Bueno, es verdad que al ser la última bodega la hemos cuidado con más mimo. La rehicimos completamente y conseguimos adaptarla a las nuevas necesidades. Pero con las bodegas, con los vinos, con los hijos, siempre hay que tratarlos por igual: todas son buenas, pero todas diferentes.

Su hija Eva María representa la continuidad de un apellido ¿Cómo imagina este futuro?

Me lo imagino muy bien. Ella es la que sabe. Estuvo estudiando dos años en Madrid, dos en Tarragona y dos Burdeos. Ella es la que lleva todo y lo lleva muy bien. Me gustaría que en el futuro dejásemos envejecer los vinos un poquito más, como ya hacemos en Dehesa la Granja, para que salgan con 4 o 5 años.

De sus vinos para El Vínculo, ¿podría decirnos en una sola frase lo que significan para usted?

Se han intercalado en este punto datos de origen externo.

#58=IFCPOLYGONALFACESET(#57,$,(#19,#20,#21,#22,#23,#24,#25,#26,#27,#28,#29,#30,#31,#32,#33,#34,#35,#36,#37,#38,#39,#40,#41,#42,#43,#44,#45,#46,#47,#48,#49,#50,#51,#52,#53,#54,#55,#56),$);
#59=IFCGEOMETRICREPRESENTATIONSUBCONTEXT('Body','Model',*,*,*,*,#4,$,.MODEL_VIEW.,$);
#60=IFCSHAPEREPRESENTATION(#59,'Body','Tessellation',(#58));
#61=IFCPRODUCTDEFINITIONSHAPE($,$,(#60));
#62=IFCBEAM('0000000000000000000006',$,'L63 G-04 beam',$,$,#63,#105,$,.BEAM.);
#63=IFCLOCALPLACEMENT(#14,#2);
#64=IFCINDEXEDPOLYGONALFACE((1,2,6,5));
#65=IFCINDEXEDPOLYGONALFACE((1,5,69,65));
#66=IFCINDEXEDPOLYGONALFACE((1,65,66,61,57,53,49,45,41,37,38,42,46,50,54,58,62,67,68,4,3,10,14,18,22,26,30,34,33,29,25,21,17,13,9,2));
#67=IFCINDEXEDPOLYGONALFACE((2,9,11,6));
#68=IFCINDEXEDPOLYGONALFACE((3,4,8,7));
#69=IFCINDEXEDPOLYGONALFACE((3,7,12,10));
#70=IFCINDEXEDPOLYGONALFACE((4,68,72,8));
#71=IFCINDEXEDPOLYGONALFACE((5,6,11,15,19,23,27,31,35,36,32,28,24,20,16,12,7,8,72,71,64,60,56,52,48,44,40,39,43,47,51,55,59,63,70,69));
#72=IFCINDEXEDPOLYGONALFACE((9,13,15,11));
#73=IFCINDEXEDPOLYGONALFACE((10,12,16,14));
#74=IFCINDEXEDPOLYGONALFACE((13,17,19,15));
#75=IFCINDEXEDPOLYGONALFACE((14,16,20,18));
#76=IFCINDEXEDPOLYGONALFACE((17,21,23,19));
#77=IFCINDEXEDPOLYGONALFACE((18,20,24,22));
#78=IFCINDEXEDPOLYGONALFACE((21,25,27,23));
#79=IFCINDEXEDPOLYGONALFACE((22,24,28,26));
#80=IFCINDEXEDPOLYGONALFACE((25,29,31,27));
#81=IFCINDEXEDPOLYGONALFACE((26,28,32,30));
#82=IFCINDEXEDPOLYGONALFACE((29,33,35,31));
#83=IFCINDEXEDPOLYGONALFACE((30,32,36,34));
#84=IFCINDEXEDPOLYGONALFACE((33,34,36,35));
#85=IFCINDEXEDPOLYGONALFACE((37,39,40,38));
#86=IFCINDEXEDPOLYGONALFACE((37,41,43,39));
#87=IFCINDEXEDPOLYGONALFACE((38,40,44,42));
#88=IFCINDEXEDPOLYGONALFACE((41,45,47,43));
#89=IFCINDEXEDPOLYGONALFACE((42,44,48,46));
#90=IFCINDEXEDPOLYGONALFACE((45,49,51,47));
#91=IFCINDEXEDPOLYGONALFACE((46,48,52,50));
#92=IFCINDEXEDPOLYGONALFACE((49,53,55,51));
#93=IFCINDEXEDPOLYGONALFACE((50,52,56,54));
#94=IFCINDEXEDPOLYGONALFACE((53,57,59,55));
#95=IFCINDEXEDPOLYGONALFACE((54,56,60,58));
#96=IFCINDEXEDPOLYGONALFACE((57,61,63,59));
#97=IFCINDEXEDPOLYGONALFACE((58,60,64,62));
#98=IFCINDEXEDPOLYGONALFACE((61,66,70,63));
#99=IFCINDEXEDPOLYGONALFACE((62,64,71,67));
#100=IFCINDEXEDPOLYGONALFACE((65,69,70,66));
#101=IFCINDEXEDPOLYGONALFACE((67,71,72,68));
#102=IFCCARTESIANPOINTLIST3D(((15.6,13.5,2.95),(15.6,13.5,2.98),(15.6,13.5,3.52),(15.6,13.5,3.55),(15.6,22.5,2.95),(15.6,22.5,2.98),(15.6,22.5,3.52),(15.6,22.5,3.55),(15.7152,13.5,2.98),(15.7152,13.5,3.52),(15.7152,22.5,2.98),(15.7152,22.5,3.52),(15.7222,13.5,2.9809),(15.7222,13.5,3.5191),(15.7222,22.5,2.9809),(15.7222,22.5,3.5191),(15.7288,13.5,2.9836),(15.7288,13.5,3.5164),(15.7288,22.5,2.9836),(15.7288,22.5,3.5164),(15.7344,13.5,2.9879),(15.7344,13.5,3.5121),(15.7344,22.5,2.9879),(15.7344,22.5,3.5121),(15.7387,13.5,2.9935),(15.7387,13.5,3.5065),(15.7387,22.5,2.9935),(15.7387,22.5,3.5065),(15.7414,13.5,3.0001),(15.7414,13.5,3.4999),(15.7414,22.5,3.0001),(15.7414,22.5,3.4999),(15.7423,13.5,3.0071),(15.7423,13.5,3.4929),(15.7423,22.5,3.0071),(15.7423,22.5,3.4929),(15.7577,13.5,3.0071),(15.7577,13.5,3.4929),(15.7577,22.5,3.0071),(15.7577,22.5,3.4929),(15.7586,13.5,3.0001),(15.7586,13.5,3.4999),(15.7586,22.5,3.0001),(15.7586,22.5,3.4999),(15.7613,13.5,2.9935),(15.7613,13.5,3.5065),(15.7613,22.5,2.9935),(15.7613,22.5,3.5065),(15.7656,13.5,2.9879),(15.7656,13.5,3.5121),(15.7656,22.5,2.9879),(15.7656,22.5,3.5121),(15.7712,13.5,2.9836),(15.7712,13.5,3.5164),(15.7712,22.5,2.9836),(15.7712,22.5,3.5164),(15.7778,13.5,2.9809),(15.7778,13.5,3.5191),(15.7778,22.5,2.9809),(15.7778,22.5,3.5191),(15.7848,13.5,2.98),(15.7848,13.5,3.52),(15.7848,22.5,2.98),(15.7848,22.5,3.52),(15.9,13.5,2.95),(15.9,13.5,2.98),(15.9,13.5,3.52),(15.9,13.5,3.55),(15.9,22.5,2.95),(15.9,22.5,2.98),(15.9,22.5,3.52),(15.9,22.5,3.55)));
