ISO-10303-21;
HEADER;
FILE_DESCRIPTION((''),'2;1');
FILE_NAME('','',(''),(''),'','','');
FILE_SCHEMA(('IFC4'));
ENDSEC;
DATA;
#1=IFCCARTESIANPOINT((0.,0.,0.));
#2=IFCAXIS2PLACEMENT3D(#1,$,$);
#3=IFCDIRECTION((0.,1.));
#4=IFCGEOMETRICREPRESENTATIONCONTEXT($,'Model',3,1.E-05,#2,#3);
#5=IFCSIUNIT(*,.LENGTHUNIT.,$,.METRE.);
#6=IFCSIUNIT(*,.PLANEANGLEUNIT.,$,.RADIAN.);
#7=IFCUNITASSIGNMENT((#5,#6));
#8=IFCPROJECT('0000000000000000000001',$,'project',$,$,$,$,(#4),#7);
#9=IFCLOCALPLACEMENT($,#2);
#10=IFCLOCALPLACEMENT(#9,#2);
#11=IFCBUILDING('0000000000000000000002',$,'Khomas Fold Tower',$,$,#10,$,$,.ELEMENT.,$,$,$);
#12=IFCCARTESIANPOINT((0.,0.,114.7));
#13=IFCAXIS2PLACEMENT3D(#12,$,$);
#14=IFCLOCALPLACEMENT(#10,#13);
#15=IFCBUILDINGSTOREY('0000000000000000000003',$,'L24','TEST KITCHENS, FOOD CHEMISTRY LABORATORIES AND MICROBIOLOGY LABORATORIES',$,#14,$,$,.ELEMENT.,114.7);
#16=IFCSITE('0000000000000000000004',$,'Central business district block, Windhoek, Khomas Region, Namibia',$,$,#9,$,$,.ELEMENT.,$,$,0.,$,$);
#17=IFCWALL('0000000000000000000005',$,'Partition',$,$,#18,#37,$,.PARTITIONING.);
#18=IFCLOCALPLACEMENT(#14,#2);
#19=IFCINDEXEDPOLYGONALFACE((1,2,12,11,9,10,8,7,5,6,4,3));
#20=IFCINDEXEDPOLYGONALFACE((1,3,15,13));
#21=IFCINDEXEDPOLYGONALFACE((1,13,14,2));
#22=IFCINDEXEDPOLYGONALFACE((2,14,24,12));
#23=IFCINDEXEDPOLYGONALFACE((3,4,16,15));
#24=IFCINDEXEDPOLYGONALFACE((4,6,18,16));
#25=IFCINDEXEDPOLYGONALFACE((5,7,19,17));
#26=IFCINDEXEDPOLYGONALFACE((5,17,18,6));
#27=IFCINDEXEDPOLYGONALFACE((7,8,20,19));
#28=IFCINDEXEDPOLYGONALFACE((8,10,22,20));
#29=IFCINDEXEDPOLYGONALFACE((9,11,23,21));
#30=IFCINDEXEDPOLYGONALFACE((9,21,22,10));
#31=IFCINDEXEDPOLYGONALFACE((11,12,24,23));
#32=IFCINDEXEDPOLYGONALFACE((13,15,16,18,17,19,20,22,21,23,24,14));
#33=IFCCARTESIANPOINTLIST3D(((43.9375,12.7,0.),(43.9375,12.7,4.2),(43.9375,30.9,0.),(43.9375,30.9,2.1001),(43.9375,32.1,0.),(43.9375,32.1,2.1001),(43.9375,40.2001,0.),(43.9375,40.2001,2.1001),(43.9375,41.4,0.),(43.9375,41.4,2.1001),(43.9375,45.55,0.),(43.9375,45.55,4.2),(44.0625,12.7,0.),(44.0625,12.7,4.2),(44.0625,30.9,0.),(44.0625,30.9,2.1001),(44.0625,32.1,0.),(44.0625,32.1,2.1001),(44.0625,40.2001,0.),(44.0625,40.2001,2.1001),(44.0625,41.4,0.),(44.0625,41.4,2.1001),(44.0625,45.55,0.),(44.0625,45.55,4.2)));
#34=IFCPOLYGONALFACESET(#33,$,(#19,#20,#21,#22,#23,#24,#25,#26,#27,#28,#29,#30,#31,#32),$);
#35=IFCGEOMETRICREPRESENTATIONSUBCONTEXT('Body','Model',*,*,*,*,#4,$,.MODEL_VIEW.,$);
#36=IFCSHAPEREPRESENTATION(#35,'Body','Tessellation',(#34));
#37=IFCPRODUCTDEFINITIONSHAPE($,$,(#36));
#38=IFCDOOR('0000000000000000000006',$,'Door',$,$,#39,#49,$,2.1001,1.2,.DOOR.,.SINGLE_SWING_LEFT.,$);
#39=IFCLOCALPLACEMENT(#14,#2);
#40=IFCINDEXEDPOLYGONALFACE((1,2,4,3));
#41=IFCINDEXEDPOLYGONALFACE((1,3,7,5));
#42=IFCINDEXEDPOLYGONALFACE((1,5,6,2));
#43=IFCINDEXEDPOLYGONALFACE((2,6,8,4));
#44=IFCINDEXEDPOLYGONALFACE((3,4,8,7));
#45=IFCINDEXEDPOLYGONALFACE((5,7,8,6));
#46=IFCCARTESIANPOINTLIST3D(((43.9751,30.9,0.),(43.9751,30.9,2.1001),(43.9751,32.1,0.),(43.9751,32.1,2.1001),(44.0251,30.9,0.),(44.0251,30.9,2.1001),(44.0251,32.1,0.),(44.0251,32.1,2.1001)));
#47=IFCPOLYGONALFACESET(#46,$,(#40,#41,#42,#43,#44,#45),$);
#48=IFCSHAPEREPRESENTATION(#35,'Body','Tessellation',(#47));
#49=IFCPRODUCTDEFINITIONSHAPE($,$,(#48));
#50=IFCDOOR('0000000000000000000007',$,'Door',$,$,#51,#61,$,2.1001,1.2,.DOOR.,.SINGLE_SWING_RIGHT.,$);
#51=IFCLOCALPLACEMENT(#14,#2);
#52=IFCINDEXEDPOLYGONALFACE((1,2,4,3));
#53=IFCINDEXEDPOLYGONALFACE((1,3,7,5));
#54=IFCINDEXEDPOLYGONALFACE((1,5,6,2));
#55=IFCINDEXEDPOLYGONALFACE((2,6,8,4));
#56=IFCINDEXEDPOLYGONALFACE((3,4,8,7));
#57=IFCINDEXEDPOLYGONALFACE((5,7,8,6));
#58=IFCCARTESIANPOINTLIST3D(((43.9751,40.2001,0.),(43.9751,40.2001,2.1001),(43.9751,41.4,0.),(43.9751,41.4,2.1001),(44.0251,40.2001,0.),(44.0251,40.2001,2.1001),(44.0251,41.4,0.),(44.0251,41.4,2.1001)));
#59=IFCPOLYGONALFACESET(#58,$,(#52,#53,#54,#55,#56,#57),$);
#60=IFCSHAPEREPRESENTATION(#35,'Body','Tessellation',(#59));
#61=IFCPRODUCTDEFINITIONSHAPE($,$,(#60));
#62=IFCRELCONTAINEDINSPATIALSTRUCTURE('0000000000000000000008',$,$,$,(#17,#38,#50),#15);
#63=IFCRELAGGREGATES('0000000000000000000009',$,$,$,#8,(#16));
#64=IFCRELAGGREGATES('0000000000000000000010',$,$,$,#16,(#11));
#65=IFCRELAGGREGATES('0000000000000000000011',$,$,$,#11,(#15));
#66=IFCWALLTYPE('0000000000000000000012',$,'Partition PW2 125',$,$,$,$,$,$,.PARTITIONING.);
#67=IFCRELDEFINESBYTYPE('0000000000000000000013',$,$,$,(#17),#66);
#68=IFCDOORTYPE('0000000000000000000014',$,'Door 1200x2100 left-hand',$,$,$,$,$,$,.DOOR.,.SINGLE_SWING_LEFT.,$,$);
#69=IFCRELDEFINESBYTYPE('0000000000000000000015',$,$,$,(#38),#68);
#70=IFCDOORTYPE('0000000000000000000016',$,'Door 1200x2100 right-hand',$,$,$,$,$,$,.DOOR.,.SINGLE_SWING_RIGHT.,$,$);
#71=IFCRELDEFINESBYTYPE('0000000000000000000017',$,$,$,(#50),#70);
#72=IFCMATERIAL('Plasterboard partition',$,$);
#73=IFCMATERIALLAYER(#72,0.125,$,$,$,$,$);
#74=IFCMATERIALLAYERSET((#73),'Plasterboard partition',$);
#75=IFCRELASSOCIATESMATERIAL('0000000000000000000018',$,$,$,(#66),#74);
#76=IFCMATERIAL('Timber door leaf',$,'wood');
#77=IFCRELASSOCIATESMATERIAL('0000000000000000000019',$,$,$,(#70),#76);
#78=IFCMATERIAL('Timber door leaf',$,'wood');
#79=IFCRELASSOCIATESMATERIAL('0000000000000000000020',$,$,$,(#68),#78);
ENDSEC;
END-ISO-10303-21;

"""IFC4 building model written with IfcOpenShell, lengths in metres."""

from ifc_helpers import new_model, si_unit, direction, frame, frame_2d, origin, place, context, subcontext, project, spatial, rectangle, extrude, source, transform, mapped, material, layer, layer_set, type_object, element, fill, save


model = new_model("IFC4")

# Units and contexts
model_context = context("Model", 3, precision=1e-05, world=origin(), true_north=direction((0.0, 1.0)))
body_context = subcontext(model_context, "Body", "Model", "MODEL_VIEW")
ifc_project = project(units=[si_unit("LENGTHUNIT", "METRE"), si_unit("PLANEANGLEUNIT", "RADIAN")], contexts=[model_context])

# Site, building, storey
site_placement = place(None, origin())
site = spatial("IfcSite", under=ifc_project, at=site_placement, Name="Central business district block, Windhoek, Khomas Region, Namibia", CompositionType="ELEMENT", RefElevation=0.0)
building_placement = place(site_placement, origin())
building = spatial("IfcBuilding", under=site, at=building_placement, Name="Khomas Fold Tower", CompositionType="ELEMENT")
storey_placement = place(building_placement, frame((0.0, 0.0, 114.7)))
storey = spatial("IfcBuildingStorey", under=building, at=storey_placement, Name="L24", Description="TEST KITCHENS, FOOD CHEMISTRY LABORATORIES AND MICROBIOLOGY LABORATORIES", CompositionType="ELEMENT", Elevation=114.7)

# Wall, openings, doors
ifc_material_1 = material(Name="Plasterboard partition")
ifc_layer_1 = layer(ifc_material_1, 0.125)
ifc_layer_set_1 = layer_set([ifc_layer_1], Name="Plasterboard partition")
wall_type_1 = type_object("IfcWallType", Name="Partition PW2 125", PredefinedType="PARTITIONING", material=ifc_layer_set_1)
shared_shape_1 = source(origin(), body_context, "Body", "SweptSolid", [
    extrude(rectangle(XDim=1.2, YDim=2.1001, at=frame_2d((0.6001, 1.05))), frame((0.0, 0.0725, 0.0), z_axis=(0.0, -1.0, 0.0), x_axis=(1.0, 0.0, 0.0)), (0.0, 0.0, 1.0), 0.145),
])
ifc_material_2 = material(Name="Timber door leaf", Category="wood")
door_type_1 = type_object("IfcDoorType", Name="Door 1200x2100 right-hand", OperationType="SINGLE_SWING_RIGHT", PredefinedType="DOOR", material=ifc_material_2)
shared_shape_2 = source(origin(), body_context, "Body", "SweptSolid", [
    extrude(rectangle(XDim=1.2, YDim=2.1001, at=frame_2d((0.6001, 1.05))), frame((0.0, 0.0249, 0.0), z_axis=(0.0, -1.0, 0.0), x_axis=(1.0, 0.0, 0.0)), (0.0, 0.0, 1.0), 0.05),
])
shared_shape_3 = source(origin(), body_context, "Body", "SweptSolid", [
    extrude(rectangle(XDim=32.8501, YDim=0.125, at=frame_2d((16.425, 0.0))), origin(), (0.0, 0.0, 1.0), 4.2),
])
wall_1_placement = place(storey_placement, frame((44.0, 12.7, 0.0), z_axis=(0.0, 0.0, 1.0), x_axis=(0.0, 1.0, 0.0)))
wall_1 = element("IfcWall", 1, at=wall_1_placement, inside=storey, type_object=wall_type_1, Name="Partition", PredefinedType="PARTITIONING", context=body_context, shape_type="MappedRepresentation", body=[
    mapped(shared_shape_3, transform((0.0, 0.0, 0.0))),
])
opening_1_placement = place(wall_1_placement, frame((18.2, 0.0, 0.0)))
opening_1 = element("IfcOpeningElement", 2, at=opening_1_placement, cuts=wall_1, PredefinedType="OPENING", context=body_context, shape_type="MappedRepresentation", body=[
    mapped(shared_shape_1, transform((0.0, 0.0, 0.0))),
])
opening_2_placement = place(wall_1_placement, frame((27.5, 0.0, 0.0)))
opening_2 = element("IfcOpeningElement", 3, at=opening_2_placement, cuts=wall_1, PredefinedType="OPENING", context=body_context, shape_type="MappedRepresentation", body=[
    mapped(shared_shape_1, transform((0.0, 0.0, 0.0))),
])
ifc_material_3 = material(Name="Timber door leaf", Category="wood")
door_type_2 = type_object("IfcDoorType", Name="Door 1200x2100 left-hand", OperationType="SINGLE_SWING_LEFT", PredefinedType="DOOR", material=ifc_material_3)
door_1_placement = place(opening_1_placement, origin())
door_1 = element("IfcDoor", 4, at=door_1_placement, inside=storey, type_object=door_type_2, Name="Door", OperationType="SINGLE_SWING_LEFT", OverallHeight=2.1001, OverallWidth=1.2, PredefinedType="DOOR", context=body_context, shape_type="MappedRepresentation", body=[
    mapped(shared_shape_2, transform((0.0, 0.0, 0.0))),
])
fill(opening_1, door_1)
door_2_placement = place(opening_2_placement, origin())
door_2 = element("IfcDoor", 5, at=door_2_placement, inside=storey, type_object=door_type_1, Name="Door", OperationType="SINGLE_SWING_RIGHT", OverallHeight=2.1001, OverallWidth=1.2, PredefinedType="DOOR", context=body_context, shape_type="MappedRepresentation", body=[
    mapped(shared_shape_2, transform((0.0, 0.0, 0.0))),
])
fill(opening_2, door_2)

save(model, "model.ifc")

El Vínculo crianza 2011 edición limitada: «La crianza es la mejor forma de empezar a introducirte en el mundo del buen vino, pero poco a poco es mejor ir probando vinos con más años. Aún así, como se dejan sólo 3 kilos por cepa, nuestro Crianza con apenas cinco años, ahora mismo está muy bueno».

El Vínculo Reserva 2007: «Ya es un vino con ocho años, dos de ellos en barrica. Es un vino que va mostrando lo que es un vino con recorrido, con envejecimiento».

Paraje La Golosa GR 2004: «El Paraje la Golosa es otra cosa. Con ese pago, y cepas de 90 años, la uva es realmente buenísima y hacemos este gran vino que está impresionante».